Mollie has no access to a fella (Leroy's been gone for 3 mos now) but is determined to sit on anything Scrambled and Dumpling put in the nest boxes.  :-o  Does this happen a lot?  (I've only been a chicken momma since Feb.)  I know Silkies are often used to hatch all sorts of stuff, but without a roo?  Well, 9 Volt is out in the playpen with Pearl nearly every day--about 8' away from the big girls--they can see and hear him but but they've never even been in the same pen.


----------



## Bunnylady (Aug 29, 2018)

Hens don't know whether or not the eggs they lay are fertile. Silkies are the uber-broodies - some folks have had them try to hatch rocks. I had one that was "setting" on the bare wire floor of a rabbit cage for months; I finally had to let her hatch an egg to get her up. I've had others set for months on a nest that other hens kept putting eggs into; I'd check every day and remove any pipped eggs or chicks, and the girls kept going all summer (not recommended, BTW; a hen can kill herself brooding. These girls were doing a good job of taking care of themselves, and I was kind of curious about how long they'd go, but I did eventually leave a chick with the one who just wouldn't quit to finally bring her broodiness to an end).


----------



## Sheepshape (Aug 30, 2018)

Oh,some  hens are just Broody Babes. A rooster?????.....why bother with a rooster when you can sit on infertile eggs, stones, or even fresh air? Seriously though, the presence or absence of a rooster has nothing to do with broodiness. Pullets (a hen in their first year of life)and mature hens often just undergo the necessary hormonal change, often in late Spring or early Summer. They will then just sit....wherever and whenever they want, eggs or no eggs. As Bunnylady says, some will brood to death (especially if they have nothing under then to hatch). A 'normal' broody will get up daily to eat, drink, preen, stretch, and pass the hugest, smelliest pile of poop known to man. The TerminalBroody won't get up at all....she'll just sit there until she dies. Thankfully, these are rare and have to be lifted daily.

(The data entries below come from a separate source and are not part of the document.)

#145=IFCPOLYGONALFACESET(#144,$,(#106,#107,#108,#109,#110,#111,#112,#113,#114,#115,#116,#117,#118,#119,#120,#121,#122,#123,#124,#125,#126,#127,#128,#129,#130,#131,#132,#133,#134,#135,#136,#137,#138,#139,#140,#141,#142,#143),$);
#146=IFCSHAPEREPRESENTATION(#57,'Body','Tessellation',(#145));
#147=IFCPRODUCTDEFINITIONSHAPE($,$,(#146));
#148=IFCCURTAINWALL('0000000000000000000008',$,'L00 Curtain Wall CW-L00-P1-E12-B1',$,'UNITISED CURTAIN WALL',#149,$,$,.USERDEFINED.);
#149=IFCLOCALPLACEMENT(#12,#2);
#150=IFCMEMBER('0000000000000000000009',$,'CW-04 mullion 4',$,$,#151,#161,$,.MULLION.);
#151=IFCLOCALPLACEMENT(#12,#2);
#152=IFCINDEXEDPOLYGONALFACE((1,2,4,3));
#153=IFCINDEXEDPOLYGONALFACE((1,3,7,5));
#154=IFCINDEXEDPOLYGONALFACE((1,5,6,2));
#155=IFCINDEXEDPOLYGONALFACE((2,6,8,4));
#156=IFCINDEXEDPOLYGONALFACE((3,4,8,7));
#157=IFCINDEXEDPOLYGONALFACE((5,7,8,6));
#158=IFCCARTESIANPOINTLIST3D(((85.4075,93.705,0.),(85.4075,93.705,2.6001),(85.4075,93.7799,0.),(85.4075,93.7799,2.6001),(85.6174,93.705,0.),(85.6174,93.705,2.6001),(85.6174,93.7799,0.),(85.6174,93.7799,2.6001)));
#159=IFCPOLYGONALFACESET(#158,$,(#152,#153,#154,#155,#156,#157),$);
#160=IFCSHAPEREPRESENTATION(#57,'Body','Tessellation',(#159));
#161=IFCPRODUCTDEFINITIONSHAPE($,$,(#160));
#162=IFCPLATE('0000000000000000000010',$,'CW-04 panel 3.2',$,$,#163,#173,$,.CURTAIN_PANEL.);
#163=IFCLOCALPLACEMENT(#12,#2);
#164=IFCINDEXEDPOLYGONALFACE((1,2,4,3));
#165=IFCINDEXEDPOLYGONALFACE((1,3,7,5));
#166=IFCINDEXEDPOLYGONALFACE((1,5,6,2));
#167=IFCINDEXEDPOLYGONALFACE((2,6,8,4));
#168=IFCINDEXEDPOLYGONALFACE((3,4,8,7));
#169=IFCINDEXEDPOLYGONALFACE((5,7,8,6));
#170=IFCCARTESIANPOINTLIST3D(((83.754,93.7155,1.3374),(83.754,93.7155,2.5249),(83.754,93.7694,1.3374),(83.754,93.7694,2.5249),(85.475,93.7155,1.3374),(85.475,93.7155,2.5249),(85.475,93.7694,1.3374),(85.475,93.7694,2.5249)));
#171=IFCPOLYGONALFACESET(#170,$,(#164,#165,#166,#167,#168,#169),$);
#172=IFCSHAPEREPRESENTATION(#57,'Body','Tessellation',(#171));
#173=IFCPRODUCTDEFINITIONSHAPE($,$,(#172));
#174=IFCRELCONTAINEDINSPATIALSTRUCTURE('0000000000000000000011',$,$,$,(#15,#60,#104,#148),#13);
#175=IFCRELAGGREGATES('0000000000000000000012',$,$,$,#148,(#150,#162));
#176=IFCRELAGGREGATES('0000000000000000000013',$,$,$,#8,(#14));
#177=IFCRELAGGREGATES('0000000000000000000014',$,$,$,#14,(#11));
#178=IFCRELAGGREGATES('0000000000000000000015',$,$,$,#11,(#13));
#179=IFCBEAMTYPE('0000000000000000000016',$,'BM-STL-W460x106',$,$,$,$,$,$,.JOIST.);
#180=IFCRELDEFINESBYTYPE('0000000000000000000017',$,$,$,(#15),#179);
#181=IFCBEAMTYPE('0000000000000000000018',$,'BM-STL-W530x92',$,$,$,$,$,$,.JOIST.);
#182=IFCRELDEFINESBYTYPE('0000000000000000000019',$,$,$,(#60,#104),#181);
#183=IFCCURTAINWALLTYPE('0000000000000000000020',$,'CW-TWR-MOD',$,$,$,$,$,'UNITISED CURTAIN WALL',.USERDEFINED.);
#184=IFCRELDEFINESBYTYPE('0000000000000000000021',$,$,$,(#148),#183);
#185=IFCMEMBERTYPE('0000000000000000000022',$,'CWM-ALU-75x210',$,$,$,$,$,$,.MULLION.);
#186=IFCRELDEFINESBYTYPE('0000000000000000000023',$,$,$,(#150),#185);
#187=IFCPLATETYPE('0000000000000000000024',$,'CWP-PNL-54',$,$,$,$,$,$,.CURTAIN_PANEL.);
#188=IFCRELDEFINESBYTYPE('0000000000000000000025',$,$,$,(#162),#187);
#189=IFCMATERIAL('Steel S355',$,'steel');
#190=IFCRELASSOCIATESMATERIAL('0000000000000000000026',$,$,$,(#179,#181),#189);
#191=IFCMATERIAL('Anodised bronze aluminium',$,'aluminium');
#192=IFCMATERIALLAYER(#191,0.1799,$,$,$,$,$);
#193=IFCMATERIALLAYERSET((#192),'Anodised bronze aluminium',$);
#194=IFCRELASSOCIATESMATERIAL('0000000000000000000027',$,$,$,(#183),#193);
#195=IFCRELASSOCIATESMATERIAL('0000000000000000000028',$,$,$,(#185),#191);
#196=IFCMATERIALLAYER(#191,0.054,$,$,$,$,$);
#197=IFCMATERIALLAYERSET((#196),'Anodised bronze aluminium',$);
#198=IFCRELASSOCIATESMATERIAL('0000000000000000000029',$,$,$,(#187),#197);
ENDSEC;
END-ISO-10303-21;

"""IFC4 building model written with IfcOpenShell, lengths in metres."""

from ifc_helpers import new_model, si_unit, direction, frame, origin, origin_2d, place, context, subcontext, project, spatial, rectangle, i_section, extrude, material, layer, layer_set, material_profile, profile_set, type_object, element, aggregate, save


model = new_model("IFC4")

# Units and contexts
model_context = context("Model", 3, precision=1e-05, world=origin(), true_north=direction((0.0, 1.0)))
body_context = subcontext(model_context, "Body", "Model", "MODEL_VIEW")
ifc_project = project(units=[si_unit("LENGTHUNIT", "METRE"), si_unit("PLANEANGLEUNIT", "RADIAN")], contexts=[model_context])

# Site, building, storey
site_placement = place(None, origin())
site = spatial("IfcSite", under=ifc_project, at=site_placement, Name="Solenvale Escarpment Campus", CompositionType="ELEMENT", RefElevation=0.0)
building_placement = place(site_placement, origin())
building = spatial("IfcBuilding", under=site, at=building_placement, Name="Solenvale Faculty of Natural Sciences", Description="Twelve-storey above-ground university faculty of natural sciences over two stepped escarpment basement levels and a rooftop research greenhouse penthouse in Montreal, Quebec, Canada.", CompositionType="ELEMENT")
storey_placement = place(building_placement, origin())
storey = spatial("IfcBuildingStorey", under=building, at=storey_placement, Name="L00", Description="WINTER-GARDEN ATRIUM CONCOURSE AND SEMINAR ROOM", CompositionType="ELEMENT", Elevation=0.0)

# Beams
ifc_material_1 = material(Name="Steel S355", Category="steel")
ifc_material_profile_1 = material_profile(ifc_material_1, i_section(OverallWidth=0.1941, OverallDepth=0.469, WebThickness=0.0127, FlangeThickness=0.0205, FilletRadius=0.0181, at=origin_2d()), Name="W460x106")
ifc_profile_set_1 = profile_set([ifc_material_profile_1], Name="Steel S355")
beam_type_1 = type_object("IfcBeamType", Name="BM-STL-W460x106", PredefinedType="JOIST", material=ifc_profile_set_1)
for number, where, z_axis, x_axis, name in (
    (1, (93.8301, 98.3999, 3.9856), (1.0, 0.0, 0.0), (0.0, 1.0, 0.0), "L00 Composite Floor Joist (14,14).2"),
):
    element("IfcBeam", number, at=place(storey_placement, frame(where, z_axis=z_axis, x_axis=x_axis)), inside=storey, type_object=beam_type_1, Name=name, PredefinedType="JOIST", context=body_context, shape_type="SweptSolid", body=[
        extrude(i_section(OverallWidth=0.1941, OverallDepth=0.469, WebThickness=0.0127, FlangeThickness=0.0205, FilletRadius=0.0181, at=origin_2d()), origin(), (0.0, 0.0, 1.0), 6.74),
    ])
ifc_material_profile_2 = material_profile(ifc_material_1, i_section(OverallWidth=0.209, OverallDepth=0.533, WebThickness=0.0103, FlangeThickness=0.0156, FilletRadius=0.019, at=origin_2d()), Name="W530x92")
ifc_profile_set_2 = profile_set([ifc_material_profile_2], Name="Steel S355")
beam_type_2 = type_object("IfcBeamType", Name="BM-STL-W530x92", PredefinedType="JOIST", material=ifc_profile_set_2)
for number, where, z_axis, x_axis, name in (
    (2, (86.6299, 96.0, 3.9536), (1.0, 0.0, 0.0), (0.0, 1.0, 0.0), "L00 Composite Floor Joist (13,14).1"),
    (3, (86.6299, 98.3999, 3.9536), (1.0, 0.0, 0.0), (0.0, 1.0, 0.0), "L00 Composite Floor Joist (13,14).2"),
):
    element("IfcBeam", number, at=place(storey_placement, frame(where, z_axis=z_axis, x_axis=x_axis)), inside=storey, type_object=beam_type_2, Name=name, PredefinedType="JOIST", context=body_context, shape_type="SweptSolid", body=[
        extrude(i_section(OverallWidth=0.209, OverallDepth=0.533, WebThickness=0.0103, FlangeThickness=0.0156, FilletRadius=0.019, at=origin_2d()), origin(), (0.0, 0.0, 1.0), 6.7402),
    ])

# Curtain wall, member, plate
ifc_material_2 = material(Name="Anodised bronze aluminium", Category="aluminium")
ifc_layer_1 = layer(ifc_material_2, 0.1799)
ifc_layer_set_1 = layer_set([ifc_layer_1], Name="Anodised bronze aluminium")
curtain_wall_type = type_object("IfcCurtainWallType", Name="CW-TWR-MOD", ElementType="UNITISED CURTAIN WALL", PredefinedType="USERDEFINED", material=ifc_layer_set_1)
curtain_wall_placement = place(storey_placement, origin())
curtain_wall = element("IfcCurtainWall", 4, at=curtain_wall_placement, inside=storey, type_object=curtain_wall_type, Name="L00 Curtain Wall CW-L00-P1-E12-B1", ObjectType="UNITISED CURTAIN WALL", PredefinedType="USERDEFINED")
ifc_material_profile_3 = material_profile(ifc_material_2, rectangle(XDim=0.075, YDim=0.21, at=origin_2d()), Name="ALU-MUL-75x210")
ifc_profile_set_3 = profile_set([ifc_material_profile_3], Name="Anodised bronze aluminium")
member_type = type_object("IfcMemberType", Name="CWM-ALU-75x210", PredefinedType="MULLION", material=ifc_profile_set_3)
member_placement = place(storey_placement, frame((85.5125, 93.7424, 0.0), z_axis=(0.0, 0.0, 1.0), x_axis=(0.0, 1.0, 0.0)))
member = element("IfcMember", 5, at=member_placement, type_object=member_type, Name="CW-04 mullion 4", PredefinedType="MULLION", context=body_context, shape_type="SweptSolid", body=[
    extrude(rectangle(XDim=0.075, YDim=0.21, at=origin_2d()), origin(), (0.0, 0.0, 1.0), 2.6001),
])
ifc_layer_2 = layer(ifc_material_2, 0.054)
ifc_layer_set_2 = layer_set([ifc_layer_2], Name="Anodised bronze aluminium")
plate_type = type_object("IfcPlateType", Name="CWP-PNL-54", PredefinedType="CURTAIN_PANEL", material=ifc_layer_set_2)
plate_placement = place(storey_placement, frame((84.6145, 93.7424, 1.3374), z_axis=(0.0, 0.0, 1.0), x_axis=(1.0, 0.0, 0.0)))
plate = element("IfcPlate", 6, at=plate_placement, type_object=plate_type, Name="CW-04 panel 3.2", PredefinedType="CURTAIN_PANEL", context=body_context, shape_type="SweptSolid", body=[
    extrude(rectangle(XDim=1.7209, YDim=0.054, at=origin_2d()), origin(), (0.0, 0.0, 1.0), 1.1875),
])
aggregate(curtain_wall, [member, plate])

Some hens are destines to spend all their lives as broody hens. Large breeds are the usual culprits....Orpingtons, Brahmas, Jersey Giants etc. I keep Brahmas. They are gentle, beautiful giants, but born to sit. Being large, they can sit on 15-20 eggs, so can hatch you a complete flock if they ever lay enough eggs to do this! I had a lovely Dark Brahma called Mrs Grey




 

Mrs Grey was huge. She lived until she was almost 10. During her long life she laid less than 100 eggs....the rest of the time, she was broody. She hatched dozens of chicks.She was something of a Terminal Broody and I lifted her daily, placed her with food/drink and left her with food/drink at beak's length when she was sitting.

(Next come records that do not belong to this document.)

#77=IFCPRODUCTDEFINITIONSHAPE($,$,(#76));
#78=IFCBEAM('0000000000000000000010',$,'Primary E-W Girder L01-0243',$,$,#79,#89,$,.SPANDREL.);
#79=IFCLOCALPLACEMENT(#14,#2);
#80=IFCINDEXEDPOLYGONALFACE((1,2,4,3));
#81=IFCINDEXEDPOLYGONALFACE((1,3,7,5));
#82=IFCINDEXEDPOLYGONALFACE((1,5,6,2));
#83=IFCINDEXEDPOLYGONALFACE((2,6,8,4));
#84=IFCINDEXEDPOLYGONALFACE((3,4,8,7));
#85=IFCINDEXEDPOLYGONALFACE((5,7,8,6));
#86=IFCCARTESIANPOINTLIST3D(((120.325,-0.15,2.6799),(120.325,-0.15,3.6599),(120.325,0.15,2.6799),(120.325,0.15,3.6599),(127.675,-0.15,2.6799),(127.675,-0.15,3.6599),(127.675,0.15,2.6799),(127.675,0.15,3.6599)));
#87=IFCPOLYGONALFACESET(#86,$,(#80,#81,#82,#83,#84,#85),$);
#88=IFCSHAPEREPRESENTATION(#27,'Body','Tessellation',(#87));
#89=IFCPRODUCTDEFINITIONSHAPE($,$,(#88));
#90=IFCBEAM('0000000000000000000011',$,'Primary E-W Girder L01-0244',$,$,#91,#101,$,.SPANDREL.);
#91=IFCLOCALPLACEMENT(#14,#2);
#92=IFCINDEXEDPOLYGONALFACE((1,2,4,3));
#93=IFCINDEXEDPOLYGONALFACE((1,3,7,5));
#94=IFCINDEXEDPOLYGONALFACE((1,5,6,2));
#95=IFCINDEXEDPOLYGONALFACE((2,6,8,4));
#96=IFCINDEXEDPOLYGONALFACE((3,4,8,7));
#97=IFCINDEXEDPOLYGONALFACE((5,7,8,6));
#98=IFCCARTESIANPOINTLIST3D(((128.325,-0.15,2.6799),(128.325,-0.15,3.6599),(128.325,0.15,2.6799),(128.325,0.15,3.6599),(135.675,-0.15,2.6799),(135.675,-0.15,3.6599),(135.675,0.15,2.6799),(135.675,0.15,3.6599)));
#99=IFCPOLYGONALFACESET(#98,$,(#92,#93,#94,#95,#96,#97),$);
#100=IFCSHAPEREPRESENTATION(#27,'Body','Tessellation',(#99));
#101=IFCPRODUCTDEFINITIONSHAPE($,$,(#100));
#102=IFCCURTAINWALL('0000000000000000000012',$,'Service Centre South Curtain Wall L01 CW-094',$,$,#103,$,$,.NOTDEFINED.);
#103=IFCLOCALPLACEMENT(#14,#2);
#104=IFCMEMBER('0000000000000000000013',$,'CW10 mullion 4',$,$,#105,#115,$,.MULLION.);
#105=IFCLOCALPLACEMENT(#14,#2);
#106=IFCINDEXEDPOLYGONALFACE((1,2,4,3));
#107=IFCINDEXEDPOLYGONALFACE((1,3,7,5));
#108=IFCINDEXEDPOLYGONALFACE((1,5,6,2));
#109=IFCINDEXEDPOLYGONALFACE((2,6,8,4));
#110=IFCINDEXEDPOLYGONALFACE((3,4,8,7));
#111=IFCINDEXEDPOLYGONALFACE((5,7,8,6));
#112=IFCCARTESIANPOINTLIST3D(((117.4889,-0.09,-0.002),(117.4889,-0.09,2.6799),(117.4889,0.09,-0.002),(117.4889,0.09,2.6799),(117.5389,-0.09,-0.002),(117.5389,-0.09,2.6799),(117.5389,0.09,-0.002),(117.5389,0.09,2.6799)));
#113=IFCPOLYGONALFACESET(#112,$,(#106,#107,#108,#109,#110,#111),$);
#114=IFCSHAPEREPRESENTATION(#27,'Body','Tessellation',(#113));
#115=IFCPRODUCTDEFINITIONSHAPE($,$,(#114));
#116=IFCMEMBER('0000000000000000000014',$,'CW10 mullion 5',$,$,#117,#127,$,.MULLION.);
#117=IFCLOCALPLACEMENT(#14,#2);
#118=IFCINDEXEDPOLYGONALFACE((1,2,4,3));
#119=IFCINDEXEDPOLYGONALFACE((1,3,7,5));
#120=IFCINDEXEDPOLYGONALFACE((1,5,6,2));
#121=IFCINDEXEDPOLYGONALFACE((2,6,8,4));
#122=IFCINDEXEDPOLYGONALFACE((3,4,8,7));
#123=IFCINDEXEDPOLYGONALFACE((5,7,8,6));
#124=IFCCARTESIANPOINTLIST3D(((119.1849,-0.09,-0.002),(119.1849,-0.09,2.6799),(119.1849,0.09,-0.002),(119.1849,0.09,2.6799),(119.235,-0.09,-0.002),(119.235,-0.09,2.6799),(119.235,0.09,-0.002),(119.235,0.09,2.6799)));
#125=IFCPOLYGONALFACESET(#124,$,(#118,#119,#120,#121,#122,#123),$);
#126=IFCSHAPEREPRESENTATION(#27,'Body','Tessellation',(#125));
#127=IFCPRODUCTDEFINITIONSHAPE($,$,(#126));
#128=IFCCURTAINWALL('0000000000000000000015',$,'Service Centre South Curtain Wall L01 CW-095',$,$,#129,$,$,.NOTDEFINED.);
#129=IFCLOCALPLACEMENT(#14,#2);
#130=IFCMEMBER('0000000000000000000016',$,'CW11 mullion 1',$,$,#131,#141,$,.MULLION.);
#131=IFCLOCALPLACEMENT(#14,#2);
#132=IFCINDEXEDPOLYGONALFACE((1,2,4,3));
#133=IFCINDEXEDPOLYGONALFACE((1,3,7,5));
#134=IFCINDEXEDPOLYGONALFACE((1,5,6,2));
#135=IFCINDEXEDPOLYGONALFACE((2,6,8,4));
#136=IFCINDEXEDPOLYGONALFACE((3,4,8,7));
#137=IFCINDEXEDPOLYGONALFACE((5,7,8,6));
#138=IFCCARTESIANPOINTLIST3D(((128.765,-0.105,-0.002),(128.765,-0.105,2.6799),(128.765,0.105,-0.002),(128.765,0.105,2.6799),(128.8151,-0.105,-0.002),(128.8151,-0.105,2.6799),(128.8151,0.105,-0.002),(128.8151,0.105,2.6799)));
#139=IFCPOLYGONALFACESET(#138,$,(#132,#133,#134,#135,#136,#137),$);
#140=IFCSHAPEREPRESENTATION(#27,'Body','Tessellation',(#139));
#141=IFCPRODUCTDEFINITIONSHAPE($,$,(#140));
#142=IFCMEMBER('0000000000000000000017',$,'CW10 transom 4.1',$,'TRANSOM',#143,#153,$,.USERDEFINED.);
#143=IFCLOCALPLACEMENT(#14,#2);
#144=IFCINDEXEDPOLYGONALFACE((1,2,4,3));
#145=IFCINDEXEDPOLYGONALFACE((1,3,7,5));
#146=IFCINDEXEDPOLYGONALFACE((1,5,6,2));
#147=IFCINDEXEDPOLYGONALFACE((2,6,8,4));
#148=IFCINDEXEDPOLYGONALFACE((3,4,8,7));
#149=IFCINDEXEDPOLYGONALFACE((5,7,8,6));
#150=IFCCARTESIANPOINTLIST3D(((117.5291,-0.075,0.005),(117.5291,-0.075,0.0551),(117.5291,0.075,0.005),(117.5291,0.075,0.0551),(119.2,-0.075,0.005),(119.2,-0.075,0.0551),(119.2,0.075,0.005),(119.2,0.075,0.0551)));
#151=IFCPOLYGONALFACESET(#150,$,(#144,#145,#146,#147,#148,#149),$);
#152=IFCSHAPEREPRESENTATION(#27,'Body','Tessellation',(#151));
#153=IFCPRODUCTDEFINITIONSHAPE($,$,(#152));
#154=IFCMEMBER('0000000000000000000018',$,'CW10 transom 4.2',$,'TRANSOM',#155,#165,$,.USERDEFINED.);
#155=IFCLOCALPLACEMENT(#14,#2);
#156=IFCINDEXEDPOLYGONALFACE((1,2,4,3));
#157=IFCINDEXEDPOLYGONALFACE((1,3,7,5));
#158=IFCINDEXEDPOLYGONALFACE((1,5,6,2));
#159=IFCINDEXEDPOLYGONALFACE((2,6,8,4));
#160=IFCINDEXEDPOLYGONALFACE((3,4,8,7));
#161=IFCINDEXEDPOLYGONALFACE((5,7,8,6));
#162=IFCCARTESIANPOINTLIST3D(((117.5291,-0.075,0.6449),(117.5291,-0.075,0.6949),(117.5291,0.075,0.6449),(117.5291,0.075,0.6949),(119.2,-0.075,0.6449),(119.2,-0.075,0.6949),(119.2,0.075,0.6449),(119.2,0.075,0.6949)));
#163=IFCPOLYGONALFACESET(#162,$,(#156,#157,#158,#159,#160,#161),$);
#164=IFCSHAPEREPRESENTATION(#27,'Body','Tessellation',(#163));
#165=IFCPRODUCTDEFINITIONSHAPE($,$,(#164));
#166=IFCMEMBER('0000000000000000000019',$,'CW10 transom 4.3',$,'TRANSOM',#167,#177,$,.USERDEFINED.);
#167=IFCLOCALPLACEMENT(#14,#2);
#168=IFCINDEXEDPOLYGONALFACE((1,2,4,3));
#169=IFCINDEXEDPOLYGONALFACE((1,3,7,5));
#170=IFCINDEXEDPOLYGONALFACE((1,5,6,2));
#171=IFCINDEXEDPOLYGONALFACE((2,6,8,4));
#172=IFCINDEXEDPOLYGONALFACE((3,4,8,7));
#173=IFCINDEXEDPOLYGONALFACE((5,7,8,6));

So, back to your broody. If you want chicks and have/can get fertile eggs....fine. If not, then that broodiness needs to be broken. Some broodies are ultra-mean. They will make a nasty growling noise, fluff up their feathers when you approach, and then try to take your fingers off with vicious pecking if you approach them. This type needs oven gauntlets, and movement to a place where their bald breasts (they pull out their breast feathers when broody) come down on cold tiles etc. and they are not allowed to sit/settle. Now this works for most, but the most broody still continue to sit. Some folk then start to spray them with cold water, but I'm way too much of a softie to do this. I usually relent and give them eggs or replace rubber eggs with chicks hatched on the incubator etc. 

Let us know what you plan to do.


----------



## Granny Heeney (Aug 30, 2018)

I love the Brahmas!    So far, there's been 4 Brahma pullets I've tried to get to adulthood, with various tragedies claiming all but Pearl.    Starting to feel cursed!  X-(  As for Mollie, though, she came out to eat and drink with the other 2 yesterday morning, then I spotted her out and about for a few minutes halfway through the day, so she's not getting stooopid with it.  LOL  My bestie and her hubby have 4 coops of Phoenix of various colors...I bet she'd loan me a few eggs...    Since Moll's lowest on the totem pole and so small, do you think the BRs would mess with her chicks if I let her sit a couple eggs?  I ain't going to do it if I'm going to wind up with more dead chickens--that horrible, month-long monsoon we had in the spring was directly related to the loss of half my flock; not sure I can handle more bodies this soon.  Argh.  It can be tough being a chicken momma, huh?

BTW, thank you SO much, everyone, for sharing your wisdom!


----------



## Mini Horses (Aug 30, 2018)

I like to put my determined broodies into separate pens with a lovely darkish nest  fertile eggs.    I can control water/feed being there and no other hens add eggs (didn't this past Spring and had a mess!  eggs added, different days of set, 2 on a nest --  bad for me).   Get set up & move them at night.  Most will settle & stay.   

Two hens are certain they want to set now...been couple weeks .. and I am considering penning, adding eggs, then in a few days, exchanging eggs for newly hatched chicks.   They can be a mom more quickly and I can get then feathered before real cold sets in.   Just looking for anyone incubating a hatch that will be here very soon.


----------